Some things are well accepted but never spoken about. Incest is not a good thing – we all know that but it doesn’t drip from the tabloids daily. Somehow, silently, we’ve all got the message.
Buying your round in the pub may not be of the same magnitude but it’s fully understood by everyone (well, almost everyone) but I’ve never seen it written down anywhere.
Driving on the correct side of the road, broadly within the requirements of the Highway Code, not flirting with your best friend’s partner and refraining from striking other people’s children, however irksome they may be, these are all fully understood codes of behaviour but there seems to be little need for any formalisation of what everyone knows to be true.
Abuse of power
Why, then, does the world come tumbling down when it comes to the use and abuse of power, position and money? Often, of course, the three are inextricably linked and abuse of any or all three of these results in significant gain for some and mounting cynicism for the rest of us.
If I were a councillor and had approved a dubious planning application, people would conclude, rightly or wrongly, that I had abused my position for financial gain.
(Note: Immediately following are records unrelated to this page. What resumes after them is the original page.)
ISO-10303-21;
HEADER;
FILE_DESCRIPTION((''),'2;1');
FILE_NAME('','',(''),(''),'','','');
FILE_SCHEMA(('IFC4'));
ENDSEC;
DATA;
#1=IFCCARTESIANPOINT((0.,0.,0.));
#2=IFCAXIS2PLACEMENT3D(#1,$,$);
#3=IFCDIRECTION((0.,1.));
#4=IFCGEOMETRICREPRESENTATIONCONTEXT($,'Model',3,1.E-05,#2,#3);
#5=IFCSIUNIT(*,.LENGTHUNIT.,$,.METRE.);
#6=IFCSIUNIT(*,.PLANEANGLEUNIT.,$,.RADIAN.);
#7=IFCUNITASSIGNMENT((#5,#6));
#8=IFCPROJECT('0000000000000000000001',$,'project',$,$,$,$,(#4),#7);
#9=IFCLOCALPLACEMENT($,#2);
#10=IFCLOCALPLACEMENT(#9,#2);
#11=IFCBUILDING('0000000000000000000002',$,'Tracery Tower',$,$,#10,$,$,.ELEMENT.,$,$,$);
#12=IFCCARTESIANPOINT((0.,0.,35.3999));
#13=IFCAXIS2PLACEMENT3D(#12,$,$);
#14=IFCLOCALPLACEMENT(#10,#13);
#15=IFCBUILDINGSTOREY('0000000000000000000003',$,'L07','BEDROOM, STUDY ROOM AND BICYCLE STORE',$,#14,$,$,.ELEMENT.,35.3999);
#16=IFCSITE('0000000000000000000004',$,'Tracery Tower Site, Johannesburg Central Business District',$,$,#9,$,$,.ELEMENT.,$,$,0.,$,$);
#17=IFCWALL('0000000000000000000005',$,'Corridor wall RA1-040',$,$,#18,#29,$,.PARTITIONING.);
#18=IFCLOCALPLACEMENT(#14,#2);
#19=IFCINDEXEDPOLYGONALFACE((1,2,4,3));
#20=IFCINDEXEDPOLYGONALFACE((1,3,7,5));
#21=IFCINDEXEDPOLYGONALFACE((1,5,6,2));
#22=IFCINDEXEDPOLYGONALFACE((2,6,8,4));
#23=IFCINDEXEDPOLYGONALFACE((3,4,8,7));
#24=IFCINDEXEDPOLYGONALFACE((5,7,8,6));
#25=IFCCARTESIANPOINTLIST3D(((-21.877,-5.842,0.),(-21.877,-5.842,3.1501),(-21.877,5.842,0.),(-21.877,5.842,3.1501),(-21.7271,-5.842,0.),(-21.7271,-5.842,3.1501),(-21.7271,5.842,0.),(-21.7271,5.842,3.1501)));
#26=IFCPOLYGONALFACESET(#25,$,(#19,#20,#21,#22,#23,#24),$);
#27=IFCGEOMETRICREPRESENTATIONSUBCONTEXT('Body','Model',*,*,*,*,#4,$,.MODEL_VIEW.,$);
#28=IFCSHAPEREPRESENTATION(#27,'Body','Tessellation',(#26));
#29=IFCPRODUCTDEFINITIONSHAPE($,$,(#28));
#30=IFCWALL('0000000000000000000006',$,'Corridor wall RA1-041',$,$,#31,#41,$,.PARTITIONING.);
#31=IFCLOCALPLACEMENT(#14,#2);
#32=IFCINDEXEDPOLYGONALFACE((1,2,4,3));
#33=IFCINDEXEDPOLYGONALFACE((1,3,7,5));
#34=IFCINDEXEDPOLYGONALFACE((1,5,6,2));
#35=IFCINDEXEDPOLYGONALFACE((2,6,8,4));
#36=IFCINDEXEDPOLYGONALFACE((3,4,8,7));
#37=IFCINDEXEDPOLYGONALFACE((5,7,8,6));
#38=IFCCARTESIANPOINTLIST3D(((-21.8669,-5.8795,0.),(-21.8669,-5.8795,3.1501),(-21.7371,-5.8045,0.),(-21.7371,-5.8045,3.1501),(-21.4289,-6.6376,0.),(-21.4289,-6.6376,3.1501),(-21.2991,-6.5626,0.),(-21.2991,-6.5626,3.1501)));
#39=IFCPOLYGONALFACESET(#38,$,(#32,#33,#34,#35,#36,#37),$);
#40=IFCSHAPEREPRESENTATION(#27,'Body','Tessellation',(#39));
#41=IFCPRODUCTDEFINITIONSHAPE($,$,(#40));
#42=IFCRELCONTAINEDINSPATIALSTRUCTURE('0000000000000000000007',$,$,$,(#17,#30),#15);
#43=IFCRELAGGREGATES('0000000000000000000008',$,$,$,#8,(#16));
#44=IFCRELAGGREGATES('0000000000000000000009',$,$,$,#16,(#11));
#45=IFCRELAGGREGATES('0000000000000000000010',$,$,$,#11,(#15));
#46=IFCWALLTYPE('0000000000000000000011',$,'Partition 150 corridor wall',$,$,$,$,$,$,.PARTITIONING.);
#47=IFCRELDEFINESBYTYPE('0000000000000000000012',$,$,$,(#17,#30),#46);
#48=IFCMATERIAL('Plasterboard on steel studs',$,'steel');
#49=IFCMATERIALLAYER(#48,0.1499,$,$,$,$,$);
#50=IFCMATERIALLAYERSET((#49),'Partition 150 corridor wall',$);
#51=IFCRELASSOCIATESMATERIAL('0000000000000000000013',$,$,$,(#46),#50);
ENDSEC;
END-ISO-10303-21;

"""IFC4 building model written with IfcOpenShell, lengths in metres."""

from ifc_helpers import new_model, si_unit, direction, frame, frame_2d, origin, place, context, subcontext, project, spatial, rectangle, extrude, material, layer, layer_set, type_object, element, save


model = new_model("IFC4")

# Units and contexts
model_context = context("Model", 3, precision=1e-05, world=origin(), true_north=direction((0.0, 1.0)))
body_context = subcontext(model_context, "Body", "Model", "MODEL_VIEW")
ifc_project = project(units=[si_unit("LENGTHUNIT", "METRE"), si_unit("PLANEANGLEUNIT", "RADIAN")], contexts=[model_context])

# Site, building, storey
site_placement = place(None, origin())
site = spatial("IfcSite", under=ifc_project, at=site_placement, Name="Tracery Tower Site, Johannesburg Central Business District", CompositionType="ELEMENT", RefElevation=0.0)
building_placement = place(site_placement, origin())
building = spatial("IfcBuilding", under=site, at=building_placement, Name="Tracery Tower", CompositionType="ELEMENT")
storey_placement = place(building_placement, frame((0.0, 0.0, 35.3999)))
storey = spatial("IfcBuildingStorey", under=building, at=storey_placement, Name="L07", Description="BEDROOM, STUDY ROOM AND BICYCLE STORE", CompositionType="ELEMENT", Elevation=35.3999)

# Walls
ifc_material_1 = material(Name="Plasterboard on steel studs", Category="steel")
ifc_layer_1 = layer(ifc_material_1, 0.1499)
ifc_layer_set_1 = layer_set([ifc_layer_1], Name="Partition 150 corridor wall")
wall_type_1 = type_object("IfcWallType", Name="Partition 150 corridor wall", PredefinedType="PARTITIONING", material=ifc_layer_set_1)
wall_1_placement = place(storey_placement, frame((-21.802, -5.842, 0.0), z_axis=(0.0, 0.0, 1.0), x_axis=(0.0, 1.0, 0.0)))
element("IfcWall", 1, at=wall_1_placement, inside=storey, type_object=wall_type_1, Name="Corridor wall RA1-040", PredefinedType="PARTITIONING", context=body_context, shape_type="SweptSolid", body=[
    extrude(rectangle(XDim=11.6841, YDim=0.1499, at=frame_2d((5.842, 0.0))), origin(), (0.0, 0.0, 1.0), 3.1501),
])
wall_2_placement = place(storey_placement, frame((-21.802, -5.842, 0.0), z_axis=(0.0, 0.0, 1.0), x_axis=(0.500278, -0.865865, 0.0)))
element("IfcWall", 2, at=wall_2_placement, inside=storey, type_object=wall_type_1, Name="Corridor wall RA1-041", PredefinedType="PARTITIONING", context=body_context, shape_type="SweptSolid", body=[
    extrude(rectangle(XDim=0.8755, YDim=0.1499, at=frame_2d((0.4377, 0.0))), origin(), (0.0, 0.0, 1.0), 3.1501),
])

save(model, "model.ifc")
Nothing would be said to me but the assumption would stand nevertheless. That’s how it works.
In some societies, corruption is endemic – try importing a car into Nigeria, for instance, and you’ll see just how many people believe that their position is sufficiently important to warrant payment along the way.
In our society, however, we have a moral framework that dates back to a more inflexible time, patterns of behaviour built upon the certainty that a man’s word is his bond and that he would no more risk his reputation than fly to the moon. Yet, in other aspects of our life today, the reality is less impressive.
We have politicians who blatantly lie, others who consistently adapt the truth to fit the circumstances. We have football managers who will tear up a binding contract for personal gain in an environment where young men, who often have rather more talent in their feet than functioning neurones in their heads, command weekly pay cheques five times the magnitude of the UK’s average annual salary and we have minor celebrities who run amok on a plane because they can.
Somehow, nothing is ever said, no one stands up to say “Enough is enough.” We simply get our heads down and carry on. Our television celebrates bad behaviour by deliberately seeking out and forcing together inadequate people who can be relied upon to avoid harmony.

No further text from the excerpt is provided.